What this PR does NOT do — and why

No B=2 batched CFM on CPU. §3.21 measured +11 % CPU wall on M4 when batching cond+uncond into a single forward (extra permute+cont at every attention block dominates the per-dispatch overhead, which is already negligible on ggml-cpu). The existing use_b2 = !ggml_backend_is_cpu(...) gate stays.
No F16 CFM linears on CPU. §3.8 attempt 7 already measured this as a regression on CPU (~10 % slower; F16→F32 upconvert inside mul_mat isn't free against AVX-512 F32 kernels). This PR keeps F32.
No conv1d-arg-order refactor. §3.20 backlog item 4 (HiFT Q4_0/Q8_0 quantisation, ~10 % additional CPU win) is independent of caching and out of scope here.
No heterogeneous-core thread default. §3.20 backlog item 5; hardware-bound, orthogonal to graph caching.
No always-on T3 step-graph cache. Pre-allocating cache entries for every possible n_past would either waste ~10 GB of metadata arenas or pay the same per-step bookkeeping cost on synth QVAC-17872 [TTS GGML] Optimize cpp backend multilingual model for Vulkan #1. The opt-in env-var keeps single-utterance CLI users at zero cost while letting server-mode operators flip it on.
No ggml-cpu Q4_0 kernel work. The remaining ~95 % of multilingual CPU wall is real ggml-cpu Q4_0 matmul compute. Fixing that lives in ggml/src/ggml-cpu/, not chatterbox.cpp.

What this PR does

Round 1 — §3.32 (commit `b1c83b9`)

Four caches that target the dominant CFM-side per-synth overhead.

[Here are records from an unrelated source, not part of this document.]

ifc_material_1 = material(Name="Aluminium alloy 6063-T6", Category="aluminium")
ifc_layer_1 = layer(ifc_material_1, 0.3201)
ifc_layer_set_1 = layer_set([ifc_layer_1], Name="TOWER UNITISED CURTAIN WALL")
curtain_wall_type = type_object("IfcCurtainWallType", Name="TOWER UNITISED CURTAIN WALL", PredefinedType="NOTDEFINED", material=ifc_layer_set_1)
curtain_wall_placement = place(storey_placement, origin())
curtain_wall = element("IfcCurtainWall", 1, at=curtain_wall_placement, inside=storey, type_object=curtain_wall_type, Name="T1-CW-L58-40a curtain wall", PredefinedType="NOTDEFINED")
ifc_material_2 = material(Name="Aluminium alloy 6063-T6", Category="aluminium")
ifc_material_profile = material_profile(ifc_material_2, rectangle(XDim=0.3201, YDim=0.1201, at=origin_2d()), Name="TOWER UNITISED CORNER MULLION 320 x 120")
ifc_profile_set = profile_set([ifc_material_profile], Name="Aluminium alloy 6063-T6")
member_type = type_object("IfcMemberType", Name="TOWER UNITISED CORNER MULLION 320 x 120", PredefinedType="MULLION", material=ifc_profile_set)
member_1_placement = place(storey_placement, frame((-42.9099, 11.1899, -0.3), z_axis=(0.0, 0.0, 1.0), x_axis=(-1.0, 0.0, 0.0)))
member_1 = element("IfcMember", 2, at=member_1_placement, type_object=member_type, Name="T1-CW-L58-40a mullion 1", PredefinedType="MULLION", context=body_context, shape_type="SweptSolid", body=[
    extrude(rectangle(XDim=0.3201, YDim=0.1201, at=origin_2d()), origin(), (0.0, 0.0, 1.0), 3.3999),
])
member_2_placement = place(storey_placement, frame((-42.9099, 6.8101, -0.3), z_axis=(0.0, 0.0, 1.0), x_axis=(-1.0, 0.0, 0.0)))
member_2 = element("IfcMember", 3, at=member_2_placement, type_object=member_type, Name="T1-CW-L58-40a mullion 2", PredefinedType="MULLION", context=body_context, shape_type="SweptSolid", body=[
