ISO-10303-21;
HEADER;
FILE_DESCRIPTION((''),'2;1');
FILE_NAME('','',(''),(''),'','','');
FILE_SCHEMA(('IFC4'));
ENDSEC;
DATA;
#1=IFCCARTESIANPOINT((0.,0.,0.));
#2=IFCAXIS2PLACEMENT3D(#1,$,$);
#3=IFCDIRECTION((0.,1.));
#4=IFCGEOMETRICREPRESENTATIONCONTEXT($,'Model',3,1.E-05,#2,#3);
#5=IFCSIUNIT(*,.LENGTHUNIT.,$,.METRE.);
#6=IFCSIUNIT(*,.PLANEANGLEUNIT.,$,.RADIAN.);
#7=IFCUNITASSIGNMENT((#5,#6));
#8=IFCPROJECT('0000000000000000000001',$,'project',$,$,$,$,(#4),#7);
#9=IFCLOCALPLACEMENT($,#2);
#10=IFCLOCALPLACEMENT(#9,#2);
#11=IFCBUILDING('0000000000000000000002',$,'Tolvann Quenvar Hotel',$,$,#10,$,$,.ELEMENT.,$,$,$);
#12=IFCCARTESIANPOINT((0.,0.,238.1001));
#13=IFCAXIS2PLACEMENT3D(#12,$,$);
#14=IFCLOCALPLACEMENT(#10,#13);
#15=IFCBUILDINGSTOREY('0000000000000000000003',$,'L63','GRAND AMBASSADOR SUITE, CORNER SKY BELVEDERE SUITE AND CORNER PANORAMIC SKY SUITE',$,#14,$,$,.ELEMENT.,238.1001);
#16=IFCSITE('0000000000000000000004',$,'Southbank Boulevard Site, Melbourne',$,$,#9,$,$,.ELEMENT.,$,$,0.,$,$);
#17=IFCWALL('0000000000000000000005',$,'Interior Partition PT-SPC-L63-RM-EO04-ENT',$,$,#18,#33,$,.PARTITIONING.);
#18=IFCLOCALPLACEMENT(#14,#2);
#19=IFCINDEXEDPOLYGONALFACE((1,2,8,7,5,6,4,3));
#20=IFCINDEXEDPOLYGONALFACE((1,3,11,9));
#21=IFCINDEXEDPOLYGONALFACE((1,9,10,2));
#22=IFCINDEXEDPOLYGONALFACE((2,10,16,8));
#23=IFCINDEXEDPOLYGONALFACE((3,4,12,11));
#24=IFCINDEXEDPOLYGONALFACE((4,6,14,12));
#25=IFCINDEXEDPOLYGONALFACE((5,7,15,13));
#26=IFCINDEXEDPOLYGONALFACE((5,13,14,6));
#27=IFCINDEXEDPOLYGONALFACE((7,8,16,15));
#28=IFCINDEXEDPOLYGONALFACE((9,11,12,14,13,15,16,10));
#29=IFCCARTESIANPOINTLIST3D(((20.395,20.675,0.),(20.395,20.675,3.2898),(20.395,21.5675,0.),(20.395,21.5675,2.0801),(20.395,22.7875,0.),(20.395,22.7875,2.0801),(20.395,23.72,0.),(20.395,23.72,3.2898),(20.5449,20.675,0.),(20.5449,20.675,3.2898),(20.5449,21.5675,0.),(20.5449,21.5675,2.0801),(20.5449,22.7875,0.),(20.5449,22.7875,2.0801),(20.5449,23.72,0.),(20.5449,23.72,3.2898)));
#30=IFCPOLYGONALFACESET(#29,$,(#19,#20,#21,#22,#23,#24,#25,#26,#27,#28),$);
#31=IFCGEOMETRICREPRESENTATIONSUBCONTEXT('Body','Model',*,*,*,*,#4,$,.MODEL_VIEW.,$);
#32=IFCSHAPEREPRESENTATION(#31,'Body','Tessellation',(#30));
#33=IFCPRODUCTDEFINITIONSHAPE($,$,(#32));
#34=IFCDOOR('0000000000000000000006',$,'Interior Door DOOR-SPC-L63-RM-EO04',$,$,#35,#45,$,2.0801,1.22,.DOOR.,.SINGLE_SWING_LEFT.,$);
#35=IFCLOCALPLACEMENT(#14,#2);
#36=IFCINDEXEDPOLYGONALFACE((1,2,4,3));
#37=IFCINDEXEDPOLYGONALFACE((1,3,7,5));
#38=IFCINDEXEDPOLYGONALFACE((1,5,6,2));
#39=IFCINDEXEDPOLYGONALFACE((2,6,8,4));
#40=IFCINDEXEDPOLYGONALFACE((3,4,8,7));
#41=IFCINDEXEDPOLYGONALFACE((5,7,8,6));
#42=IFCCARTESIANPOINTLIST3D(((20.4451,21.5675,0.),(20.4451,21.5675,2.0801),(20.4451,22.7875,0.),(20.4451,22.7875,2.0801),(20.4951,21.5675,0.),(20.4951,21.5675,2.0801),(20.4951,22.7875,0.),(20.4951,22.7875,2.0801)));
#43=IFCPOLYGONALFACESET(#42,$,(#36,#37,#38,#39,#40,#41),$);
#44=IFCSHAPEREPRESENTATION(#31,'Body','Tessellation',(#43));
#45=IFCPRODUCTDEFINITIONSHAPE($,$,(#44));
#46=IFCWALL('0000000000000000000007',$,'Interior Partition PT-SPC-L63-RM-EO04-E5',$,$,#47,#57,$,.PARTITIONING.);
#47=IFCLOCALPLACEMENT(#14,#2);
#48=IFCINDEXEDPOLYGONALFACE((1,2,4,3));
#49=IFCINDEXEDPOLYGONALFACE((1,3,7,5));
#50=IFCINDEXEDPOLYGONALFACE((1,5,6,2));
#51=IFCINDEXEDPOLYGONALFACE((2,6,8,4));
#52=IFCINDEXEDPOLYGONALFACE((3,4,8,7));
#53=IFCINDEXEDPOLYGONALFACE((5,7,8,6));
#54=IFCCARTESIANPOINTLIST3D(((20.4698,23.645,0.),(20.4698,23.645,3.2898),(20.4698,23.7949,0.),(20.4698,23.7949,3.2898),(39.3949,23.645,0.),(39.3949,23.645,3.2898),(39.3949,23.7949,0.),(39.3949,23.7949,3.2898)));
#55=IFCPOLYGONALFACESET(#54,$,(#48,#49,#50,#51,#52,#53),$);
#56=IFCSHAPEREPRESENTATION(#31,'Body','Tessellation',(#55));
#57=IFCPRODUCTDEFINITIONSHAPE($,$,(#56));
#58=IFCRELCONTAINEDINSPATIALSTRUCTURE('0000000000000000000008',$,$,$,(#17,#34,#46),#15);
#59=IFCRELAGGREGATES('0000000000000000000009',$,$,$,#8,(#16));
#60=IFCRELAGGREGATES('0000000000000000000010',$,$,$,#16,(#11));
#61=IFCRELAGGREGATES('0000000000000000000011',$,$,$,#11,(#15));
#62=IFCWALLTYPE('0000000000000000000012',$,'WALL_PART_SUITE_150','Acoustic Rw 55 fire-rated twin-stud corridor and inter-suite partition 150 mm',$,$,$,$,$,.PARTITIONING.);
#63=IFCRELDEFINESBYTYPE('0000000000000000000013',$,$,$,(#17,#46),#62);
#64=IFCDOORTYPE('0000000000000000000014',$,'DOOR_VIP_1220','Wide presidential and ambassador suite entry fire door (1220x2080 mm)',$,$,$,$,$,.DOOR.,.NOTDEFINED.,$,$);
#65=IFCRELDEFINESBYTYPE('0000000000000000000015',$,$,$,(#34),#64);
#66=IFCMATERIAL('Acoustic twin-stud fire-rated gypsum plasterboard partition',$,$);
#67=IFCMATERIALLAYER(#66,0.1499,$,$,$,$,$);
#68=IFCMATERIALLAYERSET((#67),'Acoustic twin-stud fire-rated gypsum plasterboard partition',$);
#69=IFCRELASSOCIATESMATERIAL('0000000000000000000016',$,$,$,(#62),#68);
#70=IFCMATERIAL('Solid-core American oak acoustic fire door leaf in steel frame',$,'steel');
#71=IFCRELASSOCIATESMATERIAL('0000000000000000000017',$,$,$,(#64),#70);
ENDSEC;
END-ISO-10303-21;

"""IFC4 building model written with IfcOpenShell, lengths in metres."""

from ifc_helpers import new_model, si_unit, direction, frame, frame_2d, origin, place, context, subcontext, project, spatial, rectangle, extrude, source, transform, mapped, material, layer, layer_set, type_object, type_shapes, element, fill, save


model = new_model("IFC4")

# Units and contexts
model_context = context("Model", 3, precision=1e-05, world=origin(), true_north=direction((0.0, 1.0)))
body_context = subcontext(model_context, "Body", "Model", "MODEL_VIEW")
ifc_project = project(units=[si_unit("LENGTHUNIT", "METRE"), si_unit("PLANEANGLEUNIT", "RADIAN")], contexts=[model_context])

# Site, building, storey
site_placement = place(None, origin())
site = spatial("IfcSite", under=ifc_project, at=site_placement, Name="Southbank Boulevard Site, Melbourne", CompositionType="ELEMENT", RefElevation=0.0)
building_placement = place(site_placement, origin())
building = spatial("IfcBuilding", under=site, at=building_placement, Name="Tolvann Quenvar Hotel", CompositionType="ELEMENT")
storey_placement = place(building_placement, frame((0.0, 0.0, 238.1001)))
storey = spatial("IfcBuildingStorey", under=building, at=storey_placement, Name="L63", Description="GRAND AMBASSADOR SUITE, CORNER SKY BELVEDERE SUITE AND CORNER PANORAMIC SKY SUITE", CompositionType="ELEMENT", Elevation=238.1001)

# Shared definitions
ifc_material_1 = material(Name="Acoustic twin-stud fire-rated gypsum plasterboard partition")
ifc_layer_1 = layer(ifc_material_1, 0.1499)
ifc_layer_set_1 = layer_set([ifc_layer_1], Name="Acoustic twin-stud fire-rated gypsum plasterboard partition")
wall_type_1 = type_object("IfcWallType", Name="WALL_PART_SUITE_150", Description="Acoustic Rw 55 fire-rated twin-stud corridor and inter-suite partition 150 mm", PredefinedType="PARTITIONING", material=ifc_layer_set_1)
ifc_material_2 = material(Name="Solid-core American oak acoustic fire door leaf in steel frame", Category="steel")

# Wall, opening, door
door_type_1 = type_object("IfcDoorType", Name="DOOR_VIP_1220", Description="Wide presidential and ambassador suite entry fire door (1220x2080 mm)", OperationType="NOTDEFINED", PredefinedType="DOOR", material=ifc_material_2)
shared_shape_1 = source(origin(), body_context, "Body", "SweptSolid", [
    extrude(rectangle(XDim=1.22, YDim=2.0801, at=frame_2d((0.6099, 1.04))), frame((0.0, 0.0249, 0.0), z_axis=(0.0, -1.0, 0.0), x_axis=(1.0, 0.0, 0.0)), (0.0, 0.0, 1.0), 0.05),
])
type_shapes(door_type_1, [shared_shape_1])
wall_1_placement = place(storey_placement, frame((20.47, 20.675, 0.0), z_axis=(0.0, 0.0, 1.0), x_axis=(0.0, 1.0, 0.0)))
wall_1 = element("IfcWall", 1, at=wall_1_placement, inside=storey, type_object=wall_type_1, Name="Interior Partition PT-SPC-L63-RM-EO04-ENT", PredefinedType="PARTITIONING", context=body_context, shape_type="SweptSolid", body=[
    extrude(rectangle(XDim=3.0449, YDim=0.1499, at=frame_2d((1.5225, 0.0))), origin(), (0.0, 0.0, 1.0), 3.2898),
])
opening_1_placement = place(wall_1_placement, frame((0.8926, 0.0, 0.0)))
opening_1 = element("IfcOpeningElement", 2, at=opening_1_placement, cuts=wall_1, PredefinedType="OPENING", context=body_context, shape_type="SweptSolid", body=[
    extrude(rectangle(XDim=1.22, YDim=2.0801, at=frame_2d((0.6099, 1.04))), frame((0.0, 0.085, 0.0), z_axis=(0.0, -1.0, 0.0), x_axis=(1.0, 0.0, 0.0)), (0.0, 0.0, 1.0), 0.1699),
])
door_1_placement = place(opening_1_placement, origin())
door_1 = element("IfcDoor", 3, at=door_1_placement, inside=storey, type_object=door_type_1, Name="Interior Door DOOR-SPC-L63-RM-EO04", OperationType="SINGLE_SWING_LEFT", OverallHeight=2.0801, OverallWidth=1.22, PredefinedType="DOOR", context=body_context, shape_type="MappedRepresentation", body=[
    mapped(shared_shape_1, transform((0.0, 0.0, 0.0), x_axis=(1.0, 0.0, 0.0), y_axis=(0.0, 1.0, 0.0), z_axis=(0.0, 0.0, 1.0), scale=1.0)),
])
fill(opening_1, door_1)

# Wall
wall_2_placement = place(storey_placement, frame((20.47, 23.72, 0.0), z_axis=(0.0, 0.0, 1.0), x_axis=(1.0, 0.0, 0.0)))
element("IfcWall", 4, at=wall_2_placement, inside=storey, type_object=wall_type_1, Name="Interior Partition PT-SPC-L63-RM-EO04-E5", PredefinedType="PARTITIONING", context=body_context, shape_type="SweptSolid", body=[
    extrude(rectangle(XDim=18.925, YDim=0.1499, at=frame_2d((9.4624, 0.0))), origin(), (0.0, 0.0, 1.0), 3.2898),
])

save(model, "model.ifc")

Cache	Multilingual / synth (after warm-up)	Turbo / synth (after warm-up)
`g_time_mlp_results` (`compute_time_mlp_cached`)	10 graph submissions → 0. Cosine schedule (`n_timesteps=10`) is constant across every synth; entries populated once and reused forever.	3 → 0 (`t_span = [0, 0.5, 1.0]`).
`g_time_emb_results` (`compute_time_emb_cached`)	Empty (multilingual takes the non-meanflow branch).	2 → 0 (always pairs `(0, 0.5)` and `(0.5, 1)`).
`g_cfm_estimator_cache` (promoted from local-scope)	First synth pays the build (~10 ms); every subsequent synth at the same `T` skips it. Existing `(cache.T != T) \|\| (cache.b2 != needed)` keying handles streaming chunks that vary `T`.	Same.
`g_weight_cpu_mirror` (`cached_cpu_weights_f32`)	First synth pays one `ggml_backend_tensor_get` per tensor; every subsequent synth returns the cached pointer in O(1). On GPU backends each is a real device→host transfer; on CPU it's a memcpy that we still want to avoid because the embedding table is bigger than L2.	Same pattern, smaller absolute sizes.

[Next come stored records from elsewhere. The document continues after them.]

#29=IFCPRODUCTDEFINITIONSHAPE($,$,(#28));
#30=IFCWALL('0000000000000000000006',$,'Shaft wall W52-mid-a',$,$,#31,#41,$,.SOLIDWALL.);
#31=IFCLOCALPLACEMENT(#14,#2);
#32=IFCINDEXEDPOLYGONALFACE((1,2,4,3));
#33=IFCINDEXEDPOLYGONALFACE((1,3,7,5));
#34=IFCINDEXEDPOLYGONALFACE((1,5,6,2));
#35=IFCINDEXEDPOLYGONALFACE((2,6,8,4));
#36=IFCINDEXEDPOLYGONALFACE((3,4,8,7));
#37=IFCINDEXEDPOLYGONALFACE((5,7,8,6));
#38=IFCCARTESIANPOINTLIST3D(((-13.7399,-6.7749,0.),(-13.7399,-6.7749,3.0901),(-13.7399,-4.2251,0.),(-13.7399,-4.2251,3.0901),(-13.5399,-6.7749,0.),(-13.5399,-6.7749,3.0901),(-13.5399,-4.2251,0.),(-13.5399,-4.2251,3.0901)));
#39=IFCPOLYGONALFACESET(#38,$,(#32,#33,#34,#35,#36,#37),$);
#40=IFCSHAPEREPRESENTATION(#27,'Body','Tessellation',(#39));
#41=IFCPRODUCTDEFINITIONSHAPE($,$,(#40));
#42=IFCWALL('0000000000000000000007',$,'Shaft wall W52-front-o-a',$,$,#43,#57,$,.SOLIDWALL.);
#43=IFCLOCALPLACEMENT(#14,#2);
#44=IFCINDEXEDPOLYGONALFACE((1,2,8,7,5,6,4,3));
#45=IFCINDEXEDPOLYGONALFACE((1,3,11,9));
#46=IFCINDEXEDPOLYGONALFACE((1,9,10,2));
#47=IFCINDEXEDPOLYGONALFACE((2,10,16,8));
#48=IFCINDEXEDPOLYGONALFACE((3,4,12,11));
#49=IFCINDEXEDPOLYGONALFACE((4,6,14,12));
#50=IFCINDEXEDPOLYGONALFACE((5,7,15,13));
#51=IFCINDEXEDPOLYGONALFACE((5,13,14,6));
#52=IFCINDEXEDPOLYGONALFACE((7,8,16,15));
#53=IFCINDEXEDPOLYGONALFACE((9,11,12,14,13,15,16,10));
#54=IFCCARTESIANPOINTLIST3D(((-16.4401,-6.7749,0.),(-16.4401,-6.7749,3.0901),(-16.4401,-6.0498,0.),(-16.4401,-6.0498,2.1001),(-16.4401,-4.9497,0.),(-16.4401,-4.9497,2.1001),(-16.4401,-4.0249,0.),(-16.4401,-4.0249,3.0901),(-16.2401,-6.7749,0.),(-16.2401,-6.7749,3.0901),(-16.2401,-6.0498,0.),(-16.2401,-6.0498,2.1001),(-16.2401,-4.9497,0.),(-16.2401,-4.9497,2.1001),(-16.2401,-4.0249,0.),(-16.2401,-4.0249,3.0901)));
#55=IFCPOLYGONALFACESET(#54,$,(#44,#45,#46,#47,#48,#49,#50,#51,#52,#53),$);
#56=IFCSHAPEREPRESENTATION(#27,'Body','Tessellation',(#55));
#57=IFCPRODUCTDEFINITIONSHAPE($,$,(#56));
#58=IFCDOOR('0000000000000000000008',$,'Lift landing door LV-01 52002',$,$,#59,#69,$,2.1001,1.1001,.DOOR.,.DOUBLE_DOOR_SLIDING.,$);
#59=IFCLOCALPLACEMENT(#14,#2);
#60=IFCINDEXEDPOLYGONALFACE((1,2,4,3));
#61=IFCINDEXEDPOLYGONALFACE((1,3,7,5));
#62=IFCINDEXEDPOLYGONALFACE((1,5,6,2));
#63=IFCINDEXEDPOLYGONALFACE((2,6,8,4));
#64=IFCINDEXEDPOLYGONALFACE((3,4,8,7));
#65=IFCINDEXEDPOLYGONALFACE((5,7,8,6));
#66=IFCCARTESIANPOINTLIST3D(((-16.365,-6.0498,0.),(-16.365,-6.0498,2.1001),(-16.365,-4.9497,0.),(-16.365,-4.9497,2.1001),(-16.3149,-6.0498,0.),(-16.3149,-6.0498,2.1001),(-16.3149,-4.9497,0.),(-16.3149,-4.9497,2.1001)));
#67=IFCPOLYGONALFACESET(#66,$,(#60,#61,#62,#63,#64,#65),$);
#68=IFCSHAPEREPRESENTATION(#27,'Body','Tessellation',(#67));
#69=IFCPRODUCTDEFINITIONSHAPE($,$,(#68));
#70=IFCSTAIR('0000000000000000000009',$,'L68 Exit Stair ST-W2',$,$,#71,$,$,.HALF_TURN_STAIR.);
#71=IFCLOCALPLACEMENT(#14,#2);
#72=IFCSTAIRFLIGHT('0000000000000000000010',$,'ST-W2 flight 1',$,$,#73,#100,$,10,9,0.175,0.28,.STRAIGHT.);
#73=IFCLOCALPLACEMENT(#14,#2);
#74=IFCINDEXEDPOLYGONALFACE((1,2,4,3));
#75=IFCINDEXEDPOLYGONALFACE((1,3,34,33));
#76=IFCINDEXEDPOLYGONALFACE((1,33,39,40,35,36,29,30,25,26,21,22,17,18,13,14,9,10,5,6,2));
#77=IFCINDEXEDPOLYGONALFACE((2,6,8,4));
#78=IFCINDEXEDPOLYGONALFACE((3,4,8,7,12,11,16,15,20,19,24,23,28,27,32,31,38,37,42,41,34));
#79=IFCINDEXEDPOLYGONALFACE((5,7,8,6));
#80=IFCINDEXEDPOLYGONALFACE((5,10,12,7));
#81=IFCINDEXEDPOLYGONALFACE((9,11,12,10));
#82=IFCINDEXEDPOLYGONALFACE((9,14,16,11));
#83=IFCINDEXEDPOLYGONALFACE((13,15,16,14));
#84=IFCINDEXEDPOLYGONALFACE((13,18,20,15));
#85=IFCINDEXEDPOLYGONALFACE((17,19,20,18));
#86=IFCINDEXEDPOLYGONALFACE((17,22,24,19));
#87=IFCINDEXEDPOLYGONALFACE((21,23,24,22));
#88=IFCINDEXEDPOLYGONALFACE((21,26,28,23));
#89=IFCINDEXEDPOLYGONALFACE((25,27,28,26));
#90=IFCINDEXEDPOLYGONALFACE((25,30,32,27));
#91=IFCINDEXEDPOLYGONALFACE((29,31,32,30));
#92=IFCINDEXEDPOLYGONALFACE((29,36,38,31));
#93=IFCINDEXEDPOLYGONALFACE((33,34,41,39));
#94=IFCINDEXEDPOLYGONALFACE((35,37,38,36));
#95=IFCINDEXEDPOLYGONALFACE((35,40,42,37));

Bit-cast cache key (g_float_bits / g_float_pair_bits) avoids the ambiguous std::hash<float> behaviour around +0 / -0 and NaN that varies between libstdc++ and libc++.

Round 2 — §3.33 (commit `c3a98e5`)

Five new graph-and-scaffolding caches that close the remaining encoder + HiFT + F0 host overhead.

Cache	What it stores	Why it's safe
`g_encoder_graph_cache`	full `run_encoder` graph + `gallocator`	Keyed on `T`; streaming chunks of varying length still produce correct output (rebuilds on key change).
`g_hift_graph_cache` (+ `g_hift_inv_alpha_entries` metadata)	full `run_hift_decode` graph + `gallocator`	Keyed on `pack(T_mel, T_stft)`. The parallel inv-alpha-input metadata lets cache hits re-feed each alpha-input slot from `g_inv_alpha_results` without rebuilding.
`g_f0_graph_cache`	full `run_f0_predictor` graph + `gallocator`	Keyed on `T_mel`.
`g_pos_emb_results` (`cached_pos_emb`)	`(T, D) → (2T-1, D) F32 vector` from `compute_pos_emb`	`compute_pos_emb` is pure compute (~5 trig ops × T × D). Fired twice per encoder run (T and 2T).
`g_inv_alpha_results` (`cached_inv_alpha`)	`ggml_tensor* → vector<float>` of inverted alphas	Alpha tensors are constant for the model lifetime. Same lifetime as `g_weight_cpu_mirror`.
`g_hann_window_cache` / `g_istft_kernel_cache` (`cached_*`)	`n_fft → vector<float>`	Pure functions of `n_fft` (constant 16 in the chatterbox HiFT vocoder).
`g_window_sum_cache` (`cached_window_sum`)	`pack(n_fft, hop, T_stft) → vector<float>`	Stable across same-shape synth calls.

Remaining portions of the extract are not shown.